Synopses & Reviews
Eschewing a more theoretical approach, Portfolio Optimization shows how the mathematical tools of linear algebra and optimization can quickly and clearly formulate important ideas on the subject. This practical book extends the concepts of the Markowitz budget constraint only model to a linearly constrained model.
Only requiring elementary linear algebra, the text begins with the necessary and sufficient conditions for optimal quadratic minimization that is subject to linear equality constraints. It then develops the key properties of the efficient frontier, extends the results to problems with a risk-free asset, and presents Sharpe ratios and implied risk-free rates. After focusing on quadratic programming, the author discusses a constrained portfolio optimization problem and uses an algorithm to determine the entire (constrained) efficient frontier, its corner portfolios, the piecewise linear expected returns, and the piecewise quadratic variances. The final chapter illustrates infinitely many implied risk returns for certain market portfolios.
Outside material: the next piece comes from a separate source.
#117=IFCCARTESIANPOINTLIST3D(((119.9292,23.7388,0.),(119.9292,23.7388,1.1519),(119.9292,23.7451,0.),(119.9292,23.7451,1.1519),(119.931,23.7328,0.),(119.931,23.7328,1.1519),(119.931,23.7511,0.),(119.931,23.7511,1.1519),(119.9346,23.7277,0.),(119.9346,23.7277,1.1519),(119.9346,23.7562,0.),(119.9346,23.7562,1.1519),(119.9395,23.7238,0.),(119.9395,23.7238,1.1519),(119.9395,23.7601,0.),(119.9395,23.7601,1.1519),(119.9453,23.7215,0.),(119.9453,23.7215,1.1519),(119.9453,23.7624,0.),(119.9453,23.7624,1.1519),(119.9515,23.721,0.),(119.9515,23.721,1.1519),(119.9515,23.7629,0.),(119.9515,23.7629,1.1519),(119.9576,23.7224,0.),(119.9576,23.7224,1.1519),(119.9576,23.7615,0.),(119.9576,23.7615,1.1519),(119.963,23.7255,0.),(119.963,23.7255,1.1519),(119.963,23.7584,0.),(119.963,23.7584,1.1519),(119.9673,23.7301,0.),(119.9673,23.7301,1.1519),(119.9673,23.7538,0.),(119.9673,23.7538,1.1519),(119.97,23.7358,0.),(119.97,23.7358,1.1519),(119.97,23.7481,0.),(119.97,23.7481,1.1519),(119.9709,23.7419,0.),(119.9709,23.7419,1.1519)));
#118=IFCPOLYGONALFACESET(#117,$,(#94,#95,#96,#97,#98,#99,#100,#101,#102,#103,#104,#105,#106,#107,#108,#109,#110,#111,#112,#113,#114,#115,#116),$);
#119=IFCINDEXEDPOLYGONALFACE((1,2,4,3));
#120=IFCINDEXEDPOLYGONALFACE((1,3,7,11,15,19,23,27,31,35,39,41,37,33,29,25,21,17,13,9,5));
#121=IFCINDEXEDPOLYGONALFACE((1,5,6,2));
Drawing on the author 's experiences in the academic world and as a consultant to many financial institutions, this text provides a hands-on foundation in portfolio optimization. Although the author clearly describes how to implement each technique by hand, he includes several MATLAB programs designed to implement the methods and offers these programs on the accompanying CD-ROM.
Synopsis
Eschewing a more theoretical approach, this text provides a practical introduction to basic portfolio optimization models. It focuses on Markowitz mean-variance portfolio optimization. The first chapters include coverage on the derivation of the classical unconstrained efficient frontier, the capital market line, Sharpe ratios, and implied risk-free rates. The author then discusses quadratic and parametric quadratic programming, which is used to implement the theory in practice. MATLABA(R) is included throughout the text in various realistic examples and then employed in the presented problem sets to help with calculations.